国人是最喜热闹的,有人的地方总会三五成群,东拉西扯。
到现在情况恰好相反,几个村的人都被聚集在这一个地方,大部分都是老人,他们狼狈不堪,目瞪口呆的望着倾盆的大雨,把地淹了,牲口冲走了,甚至房子都没了。
还有没来的及跑出来的人不知是死是活。
一个雷下来,天边炸出一道白光,天幕瞬如白昼,雨好像又大了。
“哥,”沈芥从后拉住了宋弥的胳膊,“天亮了走。现在天亮的早,我送你,不会耽误工作。”
来之前宋弥可没想到有这待遇,果然,意外的惊喜才叫惊喜。
沈芥拿出来一件外套,非常潮湿,但比宋弥身上湿透的要强。
宋弥很白,过水一泡,就像是浸了油脂的白玉,泄进浓墨的月光。
这样的场合,沈芥居然起了反应,他觉得自己没救了。
“啊嚏,啊……嚏,”宋弥拉上拉链拧了拧鼻子,突然问,“你怎么了?”
“没,事。”沈芥不敢看他的脸,背身递过去杯子,“喝一口吧。”
杯子就是两人情侣款,沈芥出门基本是随身携带。
现在应该是跟别人的情侣款了,他见谭言也有一个。
“不喝。
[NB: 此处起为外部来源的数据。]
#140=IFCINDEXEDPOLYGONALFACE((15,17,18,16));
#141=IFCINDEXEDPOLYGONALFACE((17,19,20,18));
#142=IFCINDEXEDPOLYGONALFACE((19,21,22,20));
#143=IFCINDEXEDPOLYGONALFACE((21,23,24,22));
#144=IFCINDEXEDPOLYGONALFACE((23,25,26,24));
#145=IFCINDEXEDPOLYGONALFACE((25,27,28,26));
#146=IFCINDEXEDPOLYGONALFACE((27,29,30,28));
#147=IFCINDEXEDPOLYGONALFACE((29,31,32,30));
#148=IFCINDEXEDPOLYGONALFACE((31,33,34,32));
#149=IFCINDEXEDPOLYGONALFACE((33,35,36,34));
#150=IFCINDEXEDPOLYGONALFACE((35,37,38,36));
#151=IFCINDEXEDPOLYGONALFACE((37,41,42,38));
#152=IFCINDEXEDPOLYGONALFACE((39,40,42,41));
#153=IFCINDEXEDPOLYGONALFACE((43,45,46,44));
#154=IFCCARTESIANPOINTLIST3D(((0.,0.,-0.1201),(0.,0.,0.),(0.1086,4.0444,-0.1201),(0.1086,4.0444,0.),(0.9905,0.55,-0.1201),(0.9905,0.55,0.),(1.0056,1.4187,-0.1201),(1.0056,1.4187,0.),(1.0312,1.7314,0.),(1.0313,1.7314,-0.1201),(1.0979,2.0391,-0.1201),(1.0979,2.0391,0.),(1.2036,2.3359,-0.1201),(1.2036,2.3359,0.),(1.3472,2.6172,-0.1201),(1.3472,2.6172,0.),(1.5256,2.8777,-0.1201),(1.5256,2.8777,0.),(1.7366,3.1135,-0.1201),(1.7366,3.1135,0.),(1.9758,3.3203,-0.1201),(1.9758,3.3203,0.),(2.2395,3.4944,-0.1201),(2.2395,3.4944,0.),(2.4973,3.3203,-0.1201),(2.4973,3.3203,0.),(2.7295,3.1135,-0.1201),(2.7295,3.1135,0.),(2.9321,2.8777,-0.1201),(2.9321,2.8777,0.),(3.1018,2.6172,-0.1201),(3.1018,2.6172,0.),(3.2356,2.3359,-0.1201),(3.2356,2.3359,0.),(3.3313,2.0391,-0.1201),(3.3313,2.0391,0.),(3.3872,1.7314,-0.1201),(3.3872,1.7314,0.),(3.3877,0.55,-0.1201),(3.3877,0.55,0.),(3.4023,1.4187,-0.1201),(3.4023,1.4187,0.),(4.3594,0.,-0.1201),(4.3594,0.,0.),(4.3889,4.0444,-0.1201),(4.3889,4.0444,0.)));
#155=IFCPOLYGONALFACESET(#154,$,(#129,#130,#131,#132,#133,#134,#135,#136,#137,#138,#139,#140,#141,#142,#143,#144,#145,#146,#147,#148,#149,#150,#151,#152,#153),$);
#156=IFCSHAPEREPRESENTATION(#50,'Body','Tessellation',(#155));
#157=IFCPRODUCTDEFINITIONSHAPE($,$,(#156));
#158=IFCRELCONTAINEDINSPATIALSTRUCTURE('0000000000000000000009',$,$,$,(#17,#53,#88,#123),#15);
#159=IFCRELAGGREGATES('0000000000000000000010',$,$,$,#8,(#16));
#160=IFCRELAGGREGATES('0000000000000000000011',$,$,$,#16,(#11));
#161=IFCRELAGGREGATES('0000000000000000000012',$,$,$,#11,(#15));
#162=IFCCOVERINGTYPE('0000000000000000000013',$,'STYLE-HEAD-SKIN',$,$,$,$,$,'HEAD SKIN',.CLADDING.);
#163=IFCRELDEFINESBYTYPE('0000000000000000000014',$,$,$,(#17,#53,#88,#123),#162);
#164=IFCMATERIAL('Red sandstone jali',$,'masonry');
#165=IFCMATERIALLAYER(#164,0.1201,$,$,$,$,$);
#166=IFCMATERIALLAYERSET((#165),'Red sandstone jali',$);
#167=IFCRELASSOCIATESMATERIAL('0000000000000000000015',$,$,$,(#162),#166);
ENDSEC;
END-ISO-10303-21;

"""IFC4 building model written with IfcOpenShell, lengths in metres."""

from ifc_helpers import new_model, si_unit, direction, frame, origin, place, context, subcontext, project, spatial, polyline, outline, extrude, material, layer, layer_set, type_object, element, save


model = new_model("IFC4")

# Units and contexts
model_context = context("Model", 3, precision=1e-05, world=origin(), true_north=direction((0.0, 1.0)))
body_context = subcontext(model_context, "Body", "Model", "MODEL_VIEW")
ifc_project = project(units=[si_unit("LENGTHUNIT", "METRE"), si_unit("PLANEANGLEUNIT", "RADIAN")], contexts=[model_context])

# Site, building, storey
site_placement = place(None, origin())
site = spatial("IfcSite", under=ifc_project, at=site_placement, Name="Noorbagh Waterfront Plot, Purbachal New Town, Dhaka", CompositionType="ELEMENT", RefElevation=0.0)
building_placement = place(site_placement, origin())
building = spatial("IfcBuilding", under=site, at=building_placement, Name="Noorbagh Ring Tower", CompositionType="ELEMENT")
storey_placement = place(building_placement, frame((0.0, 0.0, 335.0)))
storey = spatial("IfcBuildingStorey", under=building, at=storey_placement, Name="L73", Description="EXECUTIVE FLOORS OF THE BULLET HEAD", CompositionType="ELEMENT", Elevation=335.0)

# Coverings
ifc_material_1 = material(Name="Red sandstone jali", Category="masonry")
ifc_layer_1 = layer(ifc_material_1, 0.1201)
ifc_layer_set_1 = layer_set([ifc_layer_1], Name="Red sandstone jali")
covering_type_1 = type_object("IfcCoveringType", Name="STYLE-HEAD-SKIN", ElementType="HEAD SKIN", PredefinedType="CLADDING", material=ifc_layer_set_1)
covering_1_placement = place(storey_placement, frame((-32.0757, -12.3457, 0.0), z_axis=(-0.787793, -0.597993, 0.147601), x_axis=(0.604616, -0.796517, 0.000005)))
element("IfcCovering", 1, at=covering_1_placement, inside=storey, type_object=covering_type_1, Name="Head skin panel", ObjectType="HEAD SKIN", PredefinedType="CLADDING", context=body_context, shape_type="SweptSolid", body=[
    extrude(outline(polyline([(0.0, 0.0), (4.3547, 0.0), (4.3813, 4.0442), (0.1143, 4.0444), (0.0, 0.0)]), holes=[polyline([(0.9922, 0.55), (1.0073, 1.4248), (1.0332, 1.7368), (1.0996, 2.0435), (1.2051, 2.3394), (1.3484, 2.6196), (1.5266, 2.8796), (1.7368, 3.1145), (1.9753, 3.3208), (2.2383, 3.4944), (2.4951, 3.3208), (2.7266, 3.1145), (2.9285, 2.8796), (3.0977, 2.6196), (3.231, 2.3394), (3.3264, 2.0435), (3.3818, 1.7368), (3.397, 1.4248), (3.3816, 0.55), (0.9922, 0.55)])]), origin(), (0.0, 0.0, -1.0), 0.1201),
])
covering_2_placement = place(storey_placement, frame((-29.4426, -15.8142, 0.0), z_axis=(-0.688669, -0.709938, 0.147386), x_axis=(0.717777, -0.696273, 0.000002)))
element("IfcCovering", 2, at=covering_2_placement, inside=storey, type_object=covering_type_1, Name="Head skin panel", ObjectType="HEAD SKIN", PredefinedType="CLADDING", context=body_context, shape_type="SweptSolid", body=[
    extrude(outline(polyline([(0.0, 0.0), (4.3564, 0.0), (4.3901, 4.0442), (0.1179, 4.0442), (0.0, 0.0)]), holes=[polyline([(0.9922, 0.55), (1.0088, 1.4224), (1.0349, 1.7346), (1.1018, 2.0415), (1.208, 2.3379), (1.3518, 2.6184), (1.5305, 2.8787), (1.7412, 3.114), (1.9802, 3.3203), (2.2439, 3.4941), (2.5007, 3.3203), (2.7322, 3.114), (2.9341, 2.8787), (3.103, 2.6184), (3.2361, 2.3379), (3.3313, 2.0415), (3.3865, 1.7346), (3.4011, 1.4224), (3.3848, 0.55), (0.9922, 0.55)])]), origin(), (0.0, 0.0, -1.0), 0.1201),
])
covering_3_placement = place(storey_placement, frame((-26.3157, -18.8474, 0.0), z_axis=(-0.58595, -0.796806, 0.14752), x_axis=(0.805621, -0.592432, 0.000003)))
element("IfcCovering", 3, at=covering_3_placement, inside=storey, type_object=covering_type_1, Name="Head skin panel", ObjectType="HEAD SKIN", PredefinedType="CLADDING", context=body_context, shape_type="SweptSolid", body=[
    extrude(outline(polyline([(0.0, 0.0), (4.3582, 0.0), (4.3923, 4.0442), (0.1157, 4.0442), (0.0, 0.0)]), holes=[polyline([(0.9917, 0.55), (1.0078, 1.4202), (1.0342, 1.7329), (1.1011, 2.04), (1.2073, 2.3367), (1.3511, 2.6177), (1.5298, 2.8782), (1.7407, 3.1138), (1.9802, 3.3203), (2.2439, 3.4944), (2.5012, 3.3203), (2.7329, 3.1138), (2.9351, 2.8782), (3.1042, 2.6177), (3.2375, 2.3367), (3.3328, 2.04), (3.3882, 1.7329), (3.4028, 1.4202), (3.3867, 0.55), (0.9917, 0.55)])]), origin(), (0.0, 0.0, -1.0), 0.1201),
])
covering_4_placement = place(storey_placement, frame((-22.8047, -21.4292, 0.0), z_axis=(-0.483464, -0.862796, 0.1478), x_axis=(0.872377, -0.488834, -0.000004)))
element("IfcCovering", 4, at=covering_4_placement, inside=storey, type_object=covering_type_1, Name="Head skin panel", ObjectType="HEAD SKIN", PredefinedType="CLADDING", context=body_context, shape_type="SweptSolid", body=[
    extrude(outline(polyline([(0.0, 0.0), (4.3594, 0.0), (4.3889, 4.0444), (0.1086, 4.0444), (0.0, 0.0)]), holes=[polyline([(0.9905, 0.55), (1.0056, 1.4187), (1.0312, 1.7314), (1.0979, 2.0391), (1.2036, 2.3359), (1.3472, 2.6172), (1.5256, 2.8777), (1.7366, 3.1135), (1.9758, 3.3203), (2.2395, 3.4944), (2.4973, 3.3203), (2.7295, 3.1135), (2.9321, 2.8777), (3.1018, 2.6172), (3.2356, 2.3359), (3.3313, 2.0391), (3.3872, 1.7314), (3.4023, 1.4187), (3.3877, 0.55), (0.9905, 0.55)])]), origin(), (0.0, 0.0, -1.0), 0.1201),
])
”给点好脸骨头就又硬了。
沈芥有点囧,没发现内心戏丰富的人已经自我演绎了20集了,幸幸的收回了杯子。
说是等天亮,其实根本分不清几时几何。
宋弥的眼睛亮晶晶的,时不时看过来,沈芥伸手挡了一下,“闭眼,歇一会,雨小一点我叫你。”
掌心忽然窜上一股暖意,烫的沈芥一颤。
原来宋弥的额头贴了上来。
等等,不对,宋弥身上总是凉的。
沈芥一探,果然有点热。这会宋弥也不拿那俩眼乱放电了,不舒服的微微蹙着眉。
说起来很滑稽,许是职业原因吧,宋弥给沈芥送过无数次的药,但生病的总是他自己,这次更绝,自己冒死送药,然后用在自己身上。
“哥,是热水,喝两口。”
宋弥嗓子确实有点干,但一看见杯子就扭过头去,“我不用别人的杯子。”
以前两个人不刷牙也能亲半天,现在喝口水都这么讲究了?看着宋弥有点委屈的神情,沈芥好像明白了点什么,补充了一句,“这是我的杯子。”
天还未亮时,雨小了,沈芥送他回去,带他走了另一条路,比来时好走些,路过了大片的庄稼地。
地里大都是种的玉米,全都已经泡烂了,散发着恶臭味。
两人在半途分开,沈芥回去时组织救灾的来了很多人,都是军人。
他们在驻马附近已经连续工作了1天1夜,是马不停蹄的赶过来的,那边是重灾区,相比较这边较轻,而且人少。
进村搜救最好有人带路,为数不多的青壮年都派上了用场,当然沈芥也在内。
姥爷嘱咐他,谁谁家没出来,谁谁家有小孩,让他多帮忙,最重要的是自己的安全。
有了救援的人,自然就有了各平台的前线记者。
他们挂着相机,拿着录像笔,跟在后面,看到把人救出来了,就拍照,采访,还不忘自己总结几句。
如果看到是抬出来的,他们也会拍照,只不过是拿自己的手机拍。因为这种情况是不可能被报道出去的,不管你是电台的还是网络媒体的。
最后这场灾祸怎么被定义由官方说了算。
沈芥把雨衣的帽檐压的很低,只管帮忙,有记者问,他就摇头,也不说话。
老头嘱咐的几家人都不行了,有一个鳏居老头,已经泡的跟水缸一般了,沈芥没忍住,后退两步想吐,不知踩到了什么趔趄了一下,手自然想抓住什么,不巧一把抓住了挂在墙头的镰刀,顿时鲜血横飞。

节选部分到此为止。